Presented by threesixtyº

City Hall Plaza

Runs until Dec. 30, 2011

Since J.M. Barrie’s inaugural London stage production in 1905, countless iterations of Peter Pan have graced film and the stage. Each form has its charm; the intimacy of Wendy caring for the Lost Boys shines on the small stage, whereas the majesty of cavorting through the London Sky on the way to Neverland seems a feat best left to cinematography. All of these iterations form a collective memory of the Peter Pan story, but no one adaptation can stand alone.

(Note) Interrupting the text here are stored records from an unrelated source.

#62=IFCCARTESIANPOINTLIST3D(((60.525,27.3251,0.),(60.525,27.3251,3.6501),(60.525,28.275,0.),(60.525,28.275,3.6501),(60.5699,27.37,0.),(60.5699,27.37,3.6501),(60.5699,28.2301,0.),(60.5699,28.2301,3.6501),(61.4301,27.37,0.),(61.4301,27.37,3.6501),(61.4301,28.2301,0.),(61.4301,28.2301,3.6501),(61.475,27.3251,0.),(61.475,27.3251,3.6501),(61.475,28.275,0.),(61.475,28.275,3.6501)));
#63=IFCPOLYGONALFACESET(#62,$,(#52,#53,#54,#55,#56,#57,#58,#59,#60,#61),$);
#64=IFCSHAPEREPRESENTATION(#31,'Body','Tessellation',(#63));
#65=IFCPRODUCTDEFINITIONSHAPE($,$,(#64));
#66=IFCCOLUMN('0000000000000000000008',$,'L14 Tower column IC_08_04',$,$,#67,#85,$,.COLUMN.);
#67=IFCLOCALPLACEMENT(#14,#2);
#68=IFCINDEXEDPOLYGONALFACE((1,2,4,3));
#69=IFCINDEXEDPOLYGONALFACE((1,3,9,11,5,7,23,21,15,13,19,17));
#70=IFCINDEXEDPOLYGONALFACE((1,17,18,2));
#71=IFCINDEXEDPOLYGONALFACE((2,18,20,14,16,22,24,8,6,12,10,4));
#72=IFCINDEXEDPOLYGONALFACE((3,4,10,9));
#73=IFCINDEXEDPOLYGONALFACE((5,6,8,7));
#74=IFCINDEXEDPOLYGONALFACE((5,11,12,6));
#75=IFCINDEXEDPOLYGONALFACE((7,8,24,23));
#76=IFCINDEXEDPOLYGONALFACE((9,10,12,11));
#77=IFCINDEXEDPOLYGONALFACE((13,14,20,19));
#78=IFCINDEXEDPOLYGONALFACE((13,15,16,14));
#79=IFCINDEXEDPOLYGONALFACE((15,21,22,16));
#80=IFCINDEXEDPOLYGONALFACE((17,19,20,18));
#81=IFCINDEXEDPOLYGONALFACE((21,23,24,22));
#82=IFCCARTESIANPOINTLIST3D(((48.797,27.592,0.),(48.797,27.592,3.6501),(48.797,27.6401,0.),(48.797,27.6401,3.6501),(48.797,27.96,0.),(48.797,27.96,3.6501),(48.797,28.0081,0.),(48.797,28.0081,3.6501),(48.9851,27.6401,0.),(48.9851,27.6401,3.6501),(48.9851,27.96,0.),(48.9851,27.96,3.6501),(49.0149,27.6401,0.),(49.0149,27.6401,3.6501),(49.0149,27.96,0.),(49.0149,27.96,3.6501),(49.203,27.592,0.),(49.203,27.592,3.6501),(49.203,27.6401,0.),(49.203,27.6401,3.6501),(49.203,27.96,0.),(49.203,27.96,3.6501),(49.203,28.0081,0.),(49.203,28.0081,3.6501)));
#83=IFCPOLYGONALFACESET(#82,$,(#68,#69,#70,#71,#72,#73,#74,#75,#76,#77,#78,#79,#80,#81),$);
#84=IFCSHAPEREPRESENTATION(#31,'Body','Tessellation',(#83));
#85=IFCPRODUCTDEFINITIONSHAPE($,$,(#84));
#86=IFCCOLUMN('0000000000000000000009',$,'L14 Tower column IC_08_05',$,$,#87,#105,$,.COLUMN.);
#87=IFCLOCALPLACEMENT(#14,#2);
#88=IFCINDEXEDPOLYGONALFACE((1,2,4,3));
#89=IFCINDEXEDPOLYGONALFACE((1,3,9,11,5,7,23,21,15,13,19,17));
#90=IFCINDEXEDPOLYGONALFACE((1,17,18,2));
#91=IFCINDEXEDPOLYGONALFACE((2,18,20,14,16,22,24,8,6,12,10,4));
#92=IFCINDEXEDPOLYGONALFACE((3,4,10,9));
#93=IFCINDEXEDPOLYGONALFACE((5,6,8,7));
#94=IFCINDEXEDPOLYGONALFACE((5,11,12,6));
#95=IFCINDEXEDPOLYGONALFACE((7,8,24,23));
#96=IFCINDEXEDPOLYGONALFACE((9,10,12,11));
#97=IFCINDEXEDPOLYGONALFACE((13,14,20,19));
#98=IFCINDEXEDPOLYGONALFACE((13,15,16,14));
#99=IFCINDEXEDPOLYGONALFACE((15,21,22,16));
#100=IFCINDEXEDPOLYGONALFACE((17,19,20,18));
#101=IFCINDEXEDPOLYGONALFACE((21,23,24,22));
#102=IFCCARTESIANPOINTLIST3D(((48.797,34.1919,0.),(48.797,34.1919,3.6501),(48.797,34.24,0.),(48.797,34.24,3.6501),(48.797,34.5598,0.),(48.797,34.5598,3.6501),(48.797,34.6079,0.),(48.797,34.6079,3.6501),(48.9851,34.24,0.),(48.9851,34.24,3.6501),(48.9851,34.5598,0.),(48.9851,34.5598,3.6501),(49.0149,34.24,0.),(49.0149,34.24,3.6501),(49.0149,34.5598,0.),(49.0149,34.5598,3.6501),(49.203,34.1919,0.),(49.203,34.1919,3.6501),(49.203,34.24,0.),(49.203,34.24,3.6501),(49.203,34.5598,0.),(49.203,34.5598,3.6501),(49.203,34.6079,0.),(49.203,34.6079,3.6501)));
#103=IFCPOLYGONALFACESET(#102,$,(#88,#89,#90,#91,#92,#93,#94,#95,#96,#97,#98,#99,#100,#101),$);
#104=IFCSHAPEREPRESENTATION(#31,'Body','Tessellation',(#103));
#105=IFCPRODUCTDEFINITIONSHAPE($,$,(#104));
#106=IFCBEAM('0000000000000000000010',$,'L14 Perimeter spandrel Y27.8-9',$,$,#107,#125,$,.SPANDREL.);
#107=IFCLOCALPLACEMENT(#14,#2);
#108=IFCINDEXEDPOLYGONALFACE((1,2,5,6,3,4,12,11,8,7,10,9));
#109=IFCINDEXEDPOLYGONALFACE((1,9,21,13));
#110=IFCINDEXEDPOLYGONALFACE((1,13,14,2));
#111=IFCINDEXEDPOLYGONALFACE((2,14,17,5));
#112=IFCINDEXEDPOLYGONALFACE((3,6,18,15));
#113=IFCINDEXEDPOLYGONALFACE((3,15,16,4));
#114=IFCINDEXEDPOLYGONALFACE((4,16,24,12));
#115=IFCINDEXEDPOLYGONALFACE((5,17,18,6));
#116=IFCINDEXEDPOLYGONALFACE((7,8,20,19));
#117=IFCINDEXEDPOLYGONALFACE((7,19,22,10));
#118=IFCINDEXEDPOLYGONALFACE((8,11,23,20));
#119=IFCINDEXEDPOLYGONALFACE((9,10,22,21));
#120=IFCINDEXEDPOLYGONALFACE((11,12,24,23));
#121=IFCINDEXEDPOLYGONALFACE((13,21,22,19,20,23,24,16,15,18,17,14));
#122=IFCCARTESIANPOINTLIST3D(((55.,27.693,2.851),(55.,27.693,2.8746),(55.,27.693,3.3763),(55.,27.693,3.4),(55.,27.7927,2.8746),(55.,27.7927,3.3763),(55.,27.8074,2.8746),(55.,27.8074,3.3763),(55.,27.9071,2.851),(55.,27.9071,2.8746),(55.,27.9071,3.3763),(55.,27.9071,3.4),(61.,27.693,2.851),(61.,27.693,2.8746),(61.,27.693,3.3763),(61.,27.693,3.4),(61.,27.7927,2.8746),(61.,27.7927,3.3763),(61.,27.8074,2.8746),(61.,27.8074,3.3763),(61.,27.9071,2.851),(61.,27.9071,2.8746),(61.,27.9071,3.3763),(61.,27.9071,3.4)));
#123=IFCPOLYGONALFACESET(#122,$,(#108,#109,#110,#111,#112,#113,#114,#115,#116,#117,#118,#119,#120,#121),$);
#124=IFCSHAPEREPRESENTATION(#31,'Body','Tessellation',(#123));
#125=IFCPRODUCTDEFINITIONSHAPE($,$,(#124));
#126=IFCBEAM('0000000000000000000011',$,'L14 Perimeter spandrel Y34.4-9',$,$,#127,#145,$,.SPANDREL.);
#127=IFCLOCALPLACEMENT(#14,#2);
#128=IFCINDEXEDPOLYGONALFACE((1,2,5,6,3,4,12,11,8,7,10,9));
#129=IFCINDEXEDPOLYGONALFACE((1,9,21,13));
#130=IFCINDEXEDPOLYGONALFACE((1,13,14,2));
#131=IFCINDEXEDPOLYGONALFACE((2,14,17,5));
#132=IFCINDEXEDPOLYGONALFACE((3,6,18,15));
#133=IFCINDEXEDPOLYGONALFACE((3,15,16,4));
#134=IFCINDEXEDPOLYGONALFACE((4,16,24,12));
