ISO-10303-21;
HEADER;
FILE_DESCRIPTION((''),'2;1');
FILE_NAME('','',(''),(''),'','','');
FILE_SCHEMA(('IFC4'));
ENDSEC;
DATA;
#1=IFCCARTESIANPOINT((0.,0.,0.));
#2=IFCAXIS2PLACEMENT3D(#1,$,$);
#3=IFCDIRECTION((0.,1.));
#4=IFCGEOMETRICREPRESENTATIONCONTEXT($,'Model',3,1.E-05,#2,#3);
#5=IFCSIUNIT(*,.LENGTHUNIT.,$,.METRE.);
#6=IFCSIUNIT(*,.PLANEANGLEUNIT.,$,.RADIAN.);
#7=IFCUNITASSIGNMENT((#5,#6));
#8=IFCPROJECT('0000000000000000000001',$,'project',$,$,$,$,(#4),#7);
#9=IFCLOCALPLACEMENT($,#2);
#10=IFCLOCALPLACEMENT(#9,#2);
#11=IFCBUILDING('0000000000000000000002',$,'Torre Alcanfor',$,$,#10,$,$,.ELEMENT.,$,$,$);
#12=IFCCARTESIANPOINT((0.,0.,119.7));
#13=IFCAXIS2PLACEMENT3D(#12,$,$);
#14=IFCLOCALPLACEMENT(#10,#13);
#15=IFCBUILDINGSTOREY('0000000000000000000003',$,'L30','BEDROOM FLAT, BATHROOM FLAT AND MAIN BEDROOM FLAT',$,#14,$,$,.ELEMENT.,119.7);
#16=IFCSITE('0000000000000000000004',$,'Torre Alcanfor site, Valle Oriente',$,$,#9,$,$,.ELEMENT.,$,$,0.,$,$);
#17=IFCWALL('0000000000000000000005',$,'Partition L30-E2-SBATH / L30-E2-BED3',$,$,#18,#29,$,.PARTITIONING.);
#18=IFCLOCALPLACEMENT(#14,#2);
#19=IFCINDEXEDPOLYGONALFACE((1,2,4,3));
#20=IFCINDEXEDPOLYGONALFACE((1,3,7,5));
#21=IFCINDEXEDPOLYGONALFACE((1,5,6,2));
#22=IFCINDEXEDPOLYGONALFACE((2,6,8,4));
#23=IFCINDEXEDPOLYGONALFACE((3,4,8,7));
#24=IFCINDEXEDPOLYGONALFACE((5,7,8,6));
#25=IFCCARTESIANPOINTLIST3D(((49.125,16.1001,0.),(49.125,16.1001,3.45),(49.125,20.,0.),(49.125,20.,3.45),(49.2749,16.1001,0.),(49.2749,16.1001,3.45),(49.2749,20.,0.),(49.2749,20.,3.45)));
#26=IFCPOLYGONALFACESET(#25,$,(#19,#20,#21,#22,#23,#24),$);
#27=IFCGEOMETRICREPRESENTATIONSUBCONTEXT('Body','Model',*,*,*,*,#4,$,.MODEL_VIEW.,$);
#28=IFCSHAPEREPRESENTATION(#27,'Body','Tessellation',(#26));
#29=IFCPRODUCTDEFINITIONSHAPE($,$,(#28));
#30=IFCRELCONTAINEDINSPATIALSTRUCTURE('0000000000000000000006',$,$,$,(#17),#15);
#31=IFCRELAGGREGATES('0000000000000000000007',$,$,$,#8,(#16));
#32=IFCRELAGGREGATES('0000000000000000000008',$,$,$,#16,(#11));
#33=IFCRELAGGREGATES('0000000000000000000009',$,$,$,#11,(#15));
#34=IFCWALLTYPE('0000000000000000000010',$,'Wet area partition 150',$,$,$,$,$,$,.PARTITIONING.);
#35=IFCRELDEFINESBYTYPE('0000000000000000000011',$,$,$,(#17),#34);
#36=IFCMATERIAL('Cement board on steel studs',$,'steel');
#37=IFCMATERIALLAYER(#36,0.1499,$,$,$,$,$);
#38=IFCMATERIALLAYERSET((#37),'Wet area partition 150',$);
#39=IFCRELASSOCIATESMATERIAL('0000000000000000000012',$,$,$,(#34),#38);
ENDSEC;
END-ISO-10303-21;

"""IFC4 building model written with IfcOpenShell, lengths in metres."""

from ifc_helpers import new_model, si_unit, direction, frame, frame_2d, origin, place, context, subcontext, project, spatial, rectangle, extrude, material, layer, layer_set, type_object, element, save


model = new_model("IFC4")

# Units and contexts
model_context = context("Model", 3, precision=1e-05, world=origin(), true_north=direction((0.0, 1.0)))
body_context = subcontext(model_context, "Body", "Model", "MODEL_VIEW")
ifc_project = project(units=[si_unit("LENGTHUNIT", "METRE"), si_unit("PLANEANGLEUNIT", "RADIAN")], contexts=[model_context])

# Site, building, storey
site_placement = place(None, origin())
site = spatial("IfcSite", under=ifc_project, at=site_placement, Name="Torre Alcanfor site, Valle Oriente", CompositionType="ELEMENT", RefElevation=0.0)
building_placement = place(site_placement, origin())
building = spatial("IfcBuilding", under=site, at=building_placement, Name="Torre Alcanfor", CompositionType="ELEMENT")
storey_placement = place(building_placement, frame((0.0, 0.0, 119.7)))
storey = spatial("IfcBuildingStorey", under=building, at=storey_placement, Name="L30", Description="BEDROOM FLAT, BATHROOM FLAT AND MAIN BEDROOM FLAT", CompositionType="ELEMENT", Elevation=119.7)

# Shared definitions
ifc_material_1 = material(Name="Cement board on steel studs", Category="steel")
ifc_layer_1 = layer(ifc_material_1, 0.1499)
ifc_layer_set_1 = layer_set([ifc_layer_1], Name="Wet area partition 150")
wall_type_1 = type_object("IfcWallType", Name="Wet area partition 150", PredefinedType="PARTITIONING", material=ifc_layer_set_1)

# Wall
wall_1_placement = place(storey_placement, frame((49.2, 20.0, 0.0), z_axis=(0.0, 0.0, 1.0), x_axis=(0.0, -1.0, 0.0)))
element("IfcWall", 1, at=wall_1_placement, inside=storey, type_object=wall_type_1, Name="Partition L30-E2-SBATH / L30-E2-BED3", PredefinedType="PARTITIONING", context=body_context, shape_type="SweptSolid", body=[
    extrude(rectangle(XDim=3.8999, YDim=0.1499, at=frame_2d((1.95, 0.0))), origin(), (0.0, 0.0, 1.0), 3.45),
])

save(model, "model.ifc")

This is the conundrum of producing Peter Pan, a story that sweeps vast arcs from the small to the big, from tinker bell in a jar, to Hook and the tick-tock of the giant alligator. You need to get the big things right, but you can’t lose the small things too. Luckily for us, threesixtyº’s production, playing in a giant white tent by Government Center through Dec. 30, does both.

The production enjoins dramatic stagecraft with high-flying wire acrobatics, and sets both in an open circular stage enclosed by a giant screen. Think of it as seeing an Imax movie with real, live flying people in a planetarium.

Together, the experience immerses the audience in Neverland. Scenes of the London skyline fly by the audience as the actors hover in midair. The backdrop of the Neverland jungle tingles with activity — butterflies flutter in the background and the branches sway. The Cannonade from Captain Hook’s pirate ship flies at the audience’s faces and lands with a deafening crash. Fights between the pirates and the Lost Boys spill off the stage and into the audience. At times during the show, it’s terribly easy to fall into the spell of really being in Neverland.

All of this wizardry would be moot if the story itself didn’t live up to the substance of Barrie’s tale of a boy who never grows up. Peter Pan is a much darker story than Disney would have you believe. It struggles between the want to eternally capture the innocence of youth whist knowing that to live is to endure sadness, tragedy, and mortality. Anchored by strong performances from the leads — Chuck Bradley as a puckish Peter and Evelyn Hoskins as an empathetic Wendy — the cast ably delivers on a tricky script that sometimes wanders, but ultimately flies true.

Threesixtyº’s production of Peter Pan is a blockbuster production with carefully choreographed flying scenes, vivid imagery, and an epic scale and grandeur. But like the best blockbusters, those things by themselves are not enough. This Peter Pan soars because it stays true to the story of a little orphan boy who refused to grow up.